HP ThinPro 5.0 - Administrator's Guide

Het platform van een clientprofiel selecteren
Gebruik de koppeling Platform in de Profile Editor voor toegang tot het venster van het Platform,
waarin de volgende instellingen kunnen worden geconfigureerd:
Clientsoftwareversies die compatibel zijn met uw hardware
Optionele clientsets met aanvullende registerinstellingen
Het platform voor het clientprofiel instellen:
1. Selecteer in het deelvenster Platform onder Smart Zero Client versions > OS Build ID (Smart
Zero Client-versies > Buildnr. OS) een buildnummer van het besturingssysteem.
TIP: Zorg ervoor dat u een ander profiel maakt voor elk type hardware.

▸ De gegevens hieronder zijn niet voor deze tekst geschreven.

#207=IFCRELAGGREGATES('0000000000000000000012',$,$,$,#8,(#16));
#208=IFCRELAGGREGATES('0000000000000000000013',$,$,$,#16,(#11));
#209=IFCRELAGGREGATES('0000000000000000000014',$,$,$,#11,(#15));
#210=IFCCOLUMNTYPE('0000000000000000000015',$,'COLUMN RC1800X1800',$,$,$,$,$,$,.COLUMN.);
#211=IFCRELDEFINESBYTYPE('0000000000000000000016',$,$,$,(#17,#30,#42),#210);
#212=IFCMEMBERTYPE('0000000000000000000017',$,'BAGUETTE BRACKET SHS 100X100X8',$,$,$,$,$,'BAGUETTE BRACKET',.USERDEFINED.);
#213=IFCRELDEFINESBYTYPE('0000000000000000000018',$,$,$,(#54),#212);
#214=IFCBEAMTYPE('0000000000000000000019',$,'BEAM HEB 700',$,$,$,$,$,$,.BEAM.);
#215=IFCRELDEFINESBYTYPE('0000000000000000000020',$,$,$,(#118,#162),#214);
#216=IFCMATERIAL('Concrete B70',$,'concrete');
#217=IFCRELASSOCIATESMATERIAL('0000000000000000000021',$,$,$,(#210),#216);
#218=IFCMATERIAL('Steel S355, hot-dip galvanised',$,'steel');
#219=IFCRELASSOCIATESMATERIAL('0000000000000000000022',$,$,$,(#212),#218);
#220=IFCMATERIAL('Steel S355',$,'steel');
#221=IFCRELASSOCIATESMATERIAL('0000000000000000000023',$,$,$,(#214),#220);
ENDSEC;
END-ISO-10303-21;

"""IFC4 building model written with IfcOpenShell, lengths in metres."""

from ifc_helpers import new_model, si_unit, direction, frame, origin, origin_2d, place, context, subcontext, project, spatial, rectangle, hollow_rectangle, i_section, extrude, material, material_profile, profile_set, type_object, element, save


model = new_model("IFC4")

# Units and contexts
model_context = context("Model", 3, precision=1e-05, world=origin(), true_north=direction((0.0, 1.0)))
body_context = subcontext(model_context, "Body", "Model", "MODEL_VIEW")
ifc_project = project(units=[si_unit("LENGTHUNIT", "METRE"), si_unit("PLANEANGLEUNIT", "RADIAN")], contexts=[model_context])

OPMERKING: Als een clientset is geïnstalleerd, worden de aanvullende registerinstellingen
automatisch weergegeven in het clientset-vak en het deelvenster Registry (Register).
2. Stel de configuratie in op Standard (Standaard) (ThinPro) of Zero (Smart Zero).
OPMERKING: Bij oudere versies van images is deze instelling niet actief en wordt automatisch
ingesteld op Zero.
3. Klik vervolgens op Next (Volgende).
Het verbindingstype van een clientprofiel selecteren
Gebruik de koppeling Connection (Verbinding) in de Profile Editor voor toegang tot het venster van de
Remote Connection Server (Externe verbindingsserver), waarin u met de volgende procedure een
verbindingstype kunt instellen voor het clientprofiel:
1. Selecteer in het venster Remote Connection Server (Externe verbindingsserver) onder Type, het
gewenste Connection Type (Type verbinding).
2. Typ onder Server de naam of het IP-adres van de server die geconfigureerd moet worden.
3. Klik als u klaar bent op Next (Volgende).
De registerinstellingen van een clientprofiel wijzigen
Gebruik de koppeling naar het Registry (Register) in de Profile Editor voor toegang tot de Registry
Editor (Register-editor), waarmee u standaardwaarden in clientprofielinstellingen met de volgende
procedure kunt wijzigen:
1. Vouw de mappen in de boomstructuur Registry settings (Registerinstellingen) uit en zoek de
optie die u wilt wijzigen.
2. Klik op de optie, en wijzig vervolgens de standaardwaarde in het veld Value (Waarde).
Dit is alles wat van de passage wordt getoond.